Читать «Белая церковь. Мосты» онлайн - страница 27
Ион Пантелеевич Друцэ
— Ничего, у меня шестеро ребятишек. Они меня защитят.
— Да чем тебя те малолетки защитят?
— Чистотой и непорочностью.
— А если не смогут?
— Если не смогут, меня защитит этот храм.
— Если ты еще раз назовешь эту хибару храмом, я уеду, даже не дав тебе своего отеческого благословения…
Ее глаза, чистые степные родники, переполнились влагой.

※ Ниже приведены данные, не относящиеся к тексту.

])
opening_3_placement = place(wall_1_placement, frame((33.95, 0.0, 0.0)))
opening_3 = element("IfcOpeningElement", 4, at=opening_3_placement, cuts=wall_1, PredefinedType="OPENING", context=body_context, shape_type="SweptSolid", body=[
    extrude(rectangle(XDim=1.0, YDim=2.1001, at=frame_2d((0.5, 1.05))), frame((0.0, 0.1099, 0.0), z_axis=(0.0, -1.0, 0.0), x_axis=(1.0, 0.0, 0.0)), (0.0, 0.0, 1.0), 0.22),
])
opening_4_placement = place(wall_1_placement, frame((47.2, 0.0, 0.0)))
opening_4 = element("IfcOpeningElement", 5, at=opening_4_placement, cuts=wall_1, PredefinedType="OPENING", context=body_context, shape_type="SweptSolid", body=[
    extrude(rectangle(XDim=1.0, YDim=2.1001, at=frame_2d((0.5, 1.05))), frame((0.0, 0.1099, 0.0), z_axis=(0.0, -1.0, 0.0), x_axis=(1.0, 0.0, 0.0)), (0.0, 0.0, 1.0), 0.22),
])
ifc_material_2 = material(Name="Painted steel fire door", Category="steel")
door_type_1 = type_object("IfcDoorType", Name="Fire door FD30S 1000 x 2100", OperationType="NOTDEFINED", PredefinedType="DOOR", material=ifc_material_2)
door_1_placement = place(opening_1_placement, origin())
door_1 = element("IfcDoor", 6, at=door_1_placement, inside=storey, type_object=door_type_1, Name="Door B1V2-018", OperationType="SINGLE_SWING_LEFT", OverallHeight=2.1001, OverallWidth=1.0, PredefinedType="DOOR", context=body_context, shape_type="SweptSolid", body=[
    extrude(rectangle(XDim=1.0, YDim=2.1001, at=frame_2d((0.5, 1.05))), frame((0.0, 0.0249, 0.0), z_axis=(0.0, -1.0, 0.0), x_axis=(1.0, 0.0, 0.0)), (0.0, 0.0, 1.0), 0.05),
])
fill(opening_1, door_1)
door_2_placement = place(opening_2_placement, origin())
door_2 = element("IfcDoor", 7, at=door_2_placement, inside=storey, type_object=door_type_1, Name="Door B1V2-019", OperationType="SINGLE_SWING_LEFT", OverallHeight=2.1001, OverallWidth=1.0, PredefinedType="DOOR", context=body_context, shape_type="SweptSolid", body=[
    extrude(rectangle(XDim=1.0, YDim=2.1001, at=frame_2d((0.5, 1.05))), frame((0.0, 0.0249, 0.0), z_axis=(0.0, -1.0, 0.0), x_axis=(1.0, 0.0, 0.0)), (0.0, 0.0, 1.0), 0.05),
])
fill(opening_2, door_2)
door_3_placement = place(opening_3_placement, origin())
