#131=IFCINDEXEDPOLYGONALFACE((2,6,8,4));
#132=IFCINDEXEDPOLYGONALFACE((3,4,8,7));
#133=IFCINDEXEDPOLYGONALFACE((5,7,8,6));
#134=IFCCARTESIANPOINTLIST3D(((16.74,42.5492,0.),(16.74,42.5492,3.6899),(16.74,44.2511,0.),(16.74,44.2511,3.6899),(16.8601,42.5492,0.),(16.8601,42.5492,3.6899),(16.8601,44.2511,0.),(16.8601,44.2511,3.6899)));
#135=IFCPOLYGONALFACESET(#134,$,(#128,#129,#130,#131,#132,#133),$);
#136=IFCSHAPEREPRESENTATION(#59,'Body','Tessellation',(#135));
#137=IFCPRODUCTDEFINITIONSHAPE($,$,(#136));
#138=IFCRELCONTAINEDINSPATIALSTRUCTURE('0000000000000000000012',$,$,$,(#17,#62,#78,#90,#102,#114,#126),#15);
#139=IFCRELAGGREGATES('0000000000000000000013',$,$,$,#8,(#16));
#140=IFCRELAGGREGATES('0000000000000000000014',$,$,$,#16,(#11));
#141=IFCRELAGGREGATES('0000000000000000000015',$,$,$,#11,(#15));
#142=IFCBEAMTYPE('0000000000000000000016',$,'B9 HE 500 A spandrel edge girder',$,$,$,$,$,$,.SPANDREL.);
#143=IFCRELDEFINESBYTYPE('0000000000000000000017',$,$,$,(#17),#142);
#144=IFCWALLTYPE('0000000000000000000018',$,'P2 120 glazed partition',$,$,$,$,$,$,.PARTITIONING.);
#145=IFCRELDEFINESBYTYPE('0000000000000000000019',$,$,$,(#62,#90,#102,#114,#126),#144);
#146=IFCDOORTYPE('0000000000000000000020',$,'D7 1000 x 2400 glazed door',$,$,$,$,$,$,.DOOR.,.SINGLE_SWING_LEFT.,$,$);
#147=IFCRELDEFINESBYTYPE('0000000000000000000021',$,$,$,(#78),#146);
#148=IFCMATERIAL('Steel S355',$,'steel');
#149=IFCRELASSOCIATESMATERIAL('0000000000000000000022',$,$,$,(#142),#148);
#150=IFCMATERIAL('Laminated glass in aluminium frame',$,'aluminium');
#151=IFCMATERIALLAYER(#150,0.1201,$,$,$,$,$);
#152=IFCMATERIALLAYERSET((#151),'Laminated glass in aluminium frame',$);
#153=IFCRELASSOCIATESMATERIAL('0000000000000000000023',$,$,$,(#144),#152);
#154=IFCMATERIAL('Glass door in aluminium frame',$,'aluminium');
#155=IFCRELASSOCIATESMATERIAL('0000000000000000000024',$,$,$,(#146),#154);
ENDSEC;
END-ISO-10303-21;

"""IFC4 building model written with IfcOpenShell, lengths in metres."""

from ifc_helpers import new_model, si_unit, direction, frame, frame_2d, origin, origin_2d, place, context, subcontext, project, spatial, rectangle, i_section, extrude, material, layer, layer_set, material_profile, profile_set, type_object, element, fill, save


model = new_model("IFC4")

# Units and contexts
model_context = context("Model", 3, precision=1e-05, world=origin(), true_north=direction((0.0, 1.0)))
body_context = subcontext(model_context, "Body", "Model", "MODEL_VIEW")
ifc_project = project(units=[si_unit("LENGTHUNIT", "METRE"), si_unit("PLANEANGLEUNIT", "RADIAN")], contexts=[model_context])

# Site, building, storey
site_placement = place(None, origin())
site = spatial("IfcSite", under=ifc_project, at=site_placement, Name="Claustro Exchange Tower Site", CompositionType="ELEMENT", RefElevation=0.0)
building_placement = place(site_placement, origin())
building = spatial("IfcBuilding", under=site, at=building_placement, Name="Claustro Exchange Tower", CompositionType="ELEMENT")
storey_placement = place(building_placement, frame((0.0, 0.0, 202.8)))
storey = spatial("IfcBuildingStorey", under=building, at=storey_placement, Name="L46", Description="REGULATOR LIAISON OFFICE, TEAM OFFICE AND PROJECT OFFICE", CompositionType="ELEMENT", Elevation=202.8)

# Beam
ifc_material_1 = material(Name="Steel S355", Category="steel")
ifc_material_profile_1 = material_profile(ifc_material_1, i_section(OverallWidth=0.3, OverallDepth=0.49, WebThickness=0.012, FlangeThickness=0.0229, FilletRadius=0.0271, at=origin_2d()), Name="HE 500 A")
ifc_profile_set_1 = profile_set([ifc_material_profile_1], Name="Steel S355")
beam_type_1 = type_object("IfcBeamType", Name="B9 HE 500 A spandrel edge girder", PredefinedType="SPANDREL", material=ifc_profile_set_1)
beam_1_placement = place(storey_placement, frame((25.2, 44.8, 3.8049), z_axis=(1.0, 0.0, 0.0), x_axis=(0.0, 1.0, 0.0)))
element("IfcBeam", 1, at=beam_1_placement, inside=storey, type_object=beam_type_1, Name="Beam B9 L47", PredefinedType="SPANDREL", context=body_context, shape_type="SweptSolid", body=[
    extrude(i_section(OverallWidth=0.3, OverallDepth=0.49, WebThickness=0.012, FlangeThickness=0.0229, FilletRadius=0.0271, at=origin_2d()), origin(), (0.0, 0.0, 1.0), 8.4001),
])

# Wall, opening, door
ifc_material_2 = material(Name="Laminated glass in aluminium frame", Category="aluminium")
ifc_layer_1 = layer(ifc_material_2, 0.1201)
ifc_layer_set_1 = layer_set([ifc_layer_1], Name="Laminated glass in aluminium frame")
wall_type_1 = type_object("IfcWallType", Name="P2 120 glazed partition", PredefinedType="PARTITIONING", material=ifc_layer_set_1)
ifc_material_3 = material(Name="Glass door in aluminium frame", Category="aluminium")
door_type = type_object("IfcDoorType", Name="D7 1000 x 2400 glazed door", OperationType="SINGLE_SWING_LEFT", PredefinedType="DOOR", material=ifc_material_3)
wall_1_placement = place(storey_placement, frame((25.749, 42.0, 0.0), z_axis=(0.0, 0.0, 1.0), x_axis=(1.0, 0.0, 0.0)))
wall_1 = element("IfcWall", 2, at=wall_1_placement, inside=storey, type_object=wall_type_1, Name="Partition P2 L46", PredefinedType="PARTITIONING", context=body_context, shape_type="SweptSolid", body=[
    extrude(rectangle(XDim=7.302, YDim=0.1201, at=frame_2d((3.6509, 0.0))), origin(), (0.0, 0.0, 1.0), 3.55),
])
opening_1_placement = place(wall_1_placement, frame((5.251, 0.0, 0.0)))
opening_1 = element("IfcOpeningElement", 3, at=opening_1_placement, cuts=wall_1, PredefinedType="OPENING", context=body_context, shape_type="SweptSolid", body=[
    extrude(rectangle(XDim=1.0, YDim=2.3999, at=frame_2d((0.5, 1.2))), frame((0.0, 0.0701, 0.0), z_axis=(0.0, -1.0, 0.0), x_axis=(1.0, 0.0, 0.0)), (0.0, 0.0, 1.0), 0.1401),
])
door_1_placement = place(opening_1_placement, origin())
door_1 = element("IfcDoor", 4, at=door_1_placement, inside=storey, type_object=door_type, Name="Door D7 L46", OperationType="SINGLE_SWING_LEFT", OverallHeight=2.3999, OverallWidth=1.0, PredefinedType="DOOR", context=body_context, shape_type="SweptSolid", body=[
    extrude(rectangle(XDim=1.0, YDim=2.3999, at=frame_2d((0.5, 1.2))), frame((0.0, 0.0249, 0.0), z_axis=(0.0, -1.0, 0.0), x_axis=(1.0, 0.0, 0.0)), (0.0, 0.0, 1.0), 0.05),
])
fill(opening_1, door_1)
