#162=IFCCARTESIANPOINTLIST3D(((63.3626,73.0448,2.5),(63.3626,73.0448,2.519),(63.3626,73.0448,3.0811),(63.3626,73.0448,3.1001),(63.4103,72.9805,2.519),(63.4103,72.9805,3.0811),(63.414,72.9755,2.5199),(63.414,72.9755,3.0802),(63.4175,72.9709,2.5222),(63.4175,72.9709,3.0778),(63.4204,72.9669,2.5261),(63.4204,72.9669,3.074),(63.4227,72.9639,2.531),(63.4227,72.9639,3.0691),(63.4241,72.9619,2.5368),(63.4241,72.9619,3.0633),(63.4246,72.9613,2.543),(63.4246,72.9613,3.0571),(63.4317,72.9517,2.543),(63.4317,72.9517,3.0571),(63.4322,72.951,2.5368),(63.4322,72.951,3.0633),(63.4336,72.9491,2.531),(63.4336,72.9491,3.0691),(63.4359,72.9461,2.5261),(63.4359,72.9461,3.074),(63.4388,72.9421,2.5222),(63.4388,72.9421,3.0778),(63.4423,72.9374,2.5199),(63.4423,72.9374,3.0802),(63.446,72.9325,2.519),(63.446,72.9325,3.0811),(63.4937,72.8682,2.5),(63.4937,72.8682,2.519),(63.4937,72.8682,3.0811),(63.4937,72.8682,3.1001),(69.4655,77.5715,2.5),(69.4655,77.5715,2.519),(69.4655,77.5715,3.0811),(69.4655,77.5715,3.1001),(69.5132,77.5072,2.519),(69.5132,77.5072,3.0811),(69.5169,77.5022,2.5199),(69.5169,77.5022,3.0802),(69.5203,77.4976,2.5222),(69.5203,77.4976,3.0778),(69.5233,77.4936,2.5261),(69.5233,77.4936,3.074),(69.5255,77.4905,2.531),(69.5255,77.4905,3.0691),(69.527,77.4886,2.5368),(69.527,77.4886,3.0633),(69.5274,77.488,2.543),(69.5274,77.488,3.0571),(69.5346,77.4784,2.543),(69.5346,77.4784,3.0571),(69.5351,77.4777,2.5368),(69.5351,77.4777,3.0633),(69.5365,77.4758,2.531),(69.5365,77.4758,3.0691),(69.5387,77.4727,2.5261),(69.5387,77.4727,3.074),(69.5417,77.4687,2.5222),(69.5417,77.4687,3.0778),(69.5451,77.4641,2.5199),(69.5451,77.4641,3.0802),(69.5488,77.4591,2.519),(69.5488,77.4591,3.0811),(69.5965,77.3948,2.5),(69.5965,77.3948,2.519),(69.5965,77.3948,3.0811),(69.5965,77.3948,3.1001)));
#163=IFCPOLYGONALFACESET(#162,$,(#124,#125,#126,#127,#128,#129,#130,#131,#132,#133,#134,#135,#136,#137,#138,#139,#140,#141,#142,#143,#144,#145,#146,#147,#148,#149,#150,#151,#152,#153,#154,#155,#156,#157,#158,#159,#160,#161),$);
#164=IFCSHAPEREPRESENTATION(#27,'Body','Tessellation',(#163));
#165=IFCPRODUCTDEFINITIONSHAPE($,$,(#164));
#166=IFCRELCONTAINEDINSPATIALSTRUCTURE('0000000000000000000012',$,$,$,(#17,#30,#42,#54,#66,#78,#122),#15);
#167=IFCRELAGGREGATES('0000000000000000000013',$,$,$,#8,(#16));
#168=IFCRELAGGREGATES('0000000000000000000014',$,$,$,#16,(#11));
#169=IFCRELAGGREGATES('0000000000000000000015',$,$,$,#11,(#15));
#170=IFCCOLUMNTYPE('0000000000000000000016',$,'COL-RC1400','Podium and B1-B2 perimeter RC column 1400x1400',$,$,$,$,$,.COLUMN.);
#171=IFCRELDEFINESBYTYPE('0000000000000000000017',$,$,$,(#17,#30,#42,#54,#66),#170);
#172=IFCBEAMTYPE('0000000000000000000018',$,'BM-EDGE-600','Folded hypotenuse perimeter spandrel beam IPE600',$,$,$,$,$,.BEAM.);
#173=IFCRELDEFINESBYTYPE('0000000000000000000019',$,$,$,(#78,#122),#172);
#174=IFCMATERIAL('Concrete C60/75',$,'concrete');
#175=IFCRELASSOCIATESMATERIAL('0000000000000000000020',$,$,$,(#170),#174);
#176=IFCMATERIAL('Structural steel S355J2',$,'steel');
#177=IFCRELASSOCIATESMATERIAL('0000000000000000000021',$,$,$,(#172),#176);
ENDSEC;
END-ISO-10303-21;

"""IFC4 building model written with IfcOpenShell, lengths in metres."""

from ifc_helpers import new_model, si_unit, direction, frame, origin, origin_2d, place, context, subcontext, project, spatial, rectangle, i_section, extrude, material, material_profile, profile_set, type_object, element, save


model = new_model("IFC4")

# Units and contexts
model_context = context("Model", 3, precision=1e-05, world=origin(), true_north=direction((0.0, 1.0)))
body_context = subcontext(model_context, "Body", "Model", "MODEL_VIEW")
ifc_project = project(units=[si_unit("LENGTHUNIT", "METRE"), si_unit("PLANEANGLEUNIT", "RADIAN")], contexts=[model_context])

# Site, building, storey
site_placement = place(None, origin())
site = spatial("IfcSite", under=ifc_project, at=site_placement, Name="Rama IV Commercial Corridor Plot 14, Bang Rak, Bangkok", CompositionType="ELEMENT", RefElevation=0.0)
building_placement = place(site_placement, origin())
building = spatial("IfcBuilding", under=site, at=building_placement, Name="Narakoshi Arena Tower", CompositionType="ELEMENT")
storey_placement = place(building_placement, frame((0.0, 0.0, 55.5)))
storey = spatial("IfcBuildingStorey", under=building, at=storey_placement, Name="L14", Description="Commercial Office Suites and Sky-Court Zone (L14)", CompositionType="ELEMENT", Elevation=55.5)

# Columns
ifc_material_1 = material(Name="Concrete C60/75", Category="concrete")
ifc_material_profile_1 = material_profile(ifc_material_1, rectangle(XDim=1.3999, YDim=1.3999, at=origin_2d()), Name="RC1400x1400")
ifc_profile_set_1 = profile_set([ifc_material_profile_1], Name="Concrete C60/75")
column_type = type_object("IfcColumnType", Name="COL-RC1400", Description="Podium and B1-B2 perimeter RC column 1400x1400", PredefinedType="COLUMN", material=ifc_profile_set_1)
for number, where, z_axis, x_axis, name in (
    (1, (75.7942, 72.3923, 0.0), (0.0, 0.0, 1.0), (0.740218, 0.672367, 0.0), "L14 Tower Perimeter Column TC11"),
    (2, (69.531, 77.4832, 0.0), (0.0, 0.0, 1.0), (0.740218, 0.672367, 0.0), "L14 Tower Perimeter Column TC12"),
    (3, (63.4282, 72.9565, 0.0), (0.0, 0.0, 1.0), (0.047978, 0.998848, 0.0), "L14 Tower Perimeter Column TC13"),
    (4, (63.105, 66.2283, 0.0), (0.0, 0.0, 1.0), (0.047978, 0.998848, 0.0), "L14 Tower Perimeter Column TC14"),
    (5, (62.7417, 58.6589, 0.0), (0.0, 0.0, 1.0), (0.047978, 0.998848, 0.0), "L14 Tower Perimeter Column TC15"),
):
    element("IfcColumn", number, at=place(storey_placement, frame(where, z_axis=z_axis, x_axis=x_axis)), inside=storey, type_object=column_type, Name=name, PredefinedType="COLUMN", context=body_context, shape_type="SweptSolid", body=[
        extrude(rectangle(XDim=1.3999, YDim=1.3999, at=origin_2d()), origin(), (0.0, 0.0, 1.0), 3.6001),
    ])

— Да как не называть мне его храмом, когда вон сколько раз в зимнюю стужу тут на наших глазах рождался младенец! Сколько раз с этого амвончика доносилось слово господне! Сколько раз мы плакали, когда наступал час распятия, и содрогались от счастья, когда Иисус, воскреснув из мертвых и смертью смерть поправ, выходил оттуда в белом одеянии…
— Откуда выходил?
— Да вон из той боковой дверки…
Отец Гэинэ стоял над мешком, разинув рот, — такого с ним еще не бывало. Чтобы его прихожанка утверждала, что видела своими собственными глазами…
— Дочь моя возлюбленная… В трудные времена судьбу нашего народа решала не голова, а ноги.
— Вы думаете, мы бегством спасали себя?
— Чем же?
— Тем, что держались за эту глину и за этот крест.
Матушка на улице уже не стучала — она вопила в полный голос.
— Да иду же, вон он я, в дверях стою! Не знаю, — добавил священник, несколько понизив голос, — не знаю, дочь моя, может, я и не совсем прав, выбрав паству, а не храм, но выбор уже сделан, так что прощай, глупое мое дитя. Пусть в эту лихую годину бог хранит тебя, и твой очаг, и твою землю, и эту бедную…
— И этот храм.
— Ну хорошо. И этот храм.
Тяжелое, крупное лицо Екатерины озарилось счастьем.
— А если это храм и вы нас покидаете на столь долгое время, почему бы вам не вернуть хотя бы часть церковной утвари?
— Милая моя ягодка, что я могу вернуть, когда тут всего полмешка добра!
— Хоть бы Евангелие оставили. Какой это храм без слова господня!
— А то ты не знаешь, что у нас всего одно Евангелие, за которое я еще в позапрошлом году отдал кобылу с жеребенком и с тех пор на одной кляче езжу. Стыд и срам.
— А псалтирь?
— Псалтири у нас сроду не было.
— А вон там лежало несколько листочков?
— Там лежали всего три псалма, переписанные мной в молодости, когда еще рука не дрожала. Я их храню как свидетельство своей грамотности, вдруг проверка какая будет, но, если ты уж так просишь, я их тебе, пожалуй, оставлю. Только смотри, береги от огня, от влаги и не давай ребятишкам ими играть.
Завладев листочками, женщина положила их там, где они всегда лежали, и, вернувшись, встала в дверях, загородив собой выход.
— А… светить?
— Что светить?
— По вечерам, говорю, когда мы соберемся на вечерню и народ опустится перед алтарем на колени, а я выйду петь на клиросе…
— Да какое тут может быть пение?!
— Самое обыкновенное. Крещеные, как-никак, и, когда солнце пойдет к закату, а со стороны монастыря позвонят к вечерне, мы соберемся, оставшиеся в селе прихожане, я раскрою перед собой те листочки, и как мне тогда без свечки?
— Воска у меня нету, — сознался отец Гэинэ.
— Зачем тогда листочки подарили? Как я их в темноте читать буду?
— Дочь моя, какая свеча поможет тому, кто грамоты не ведает!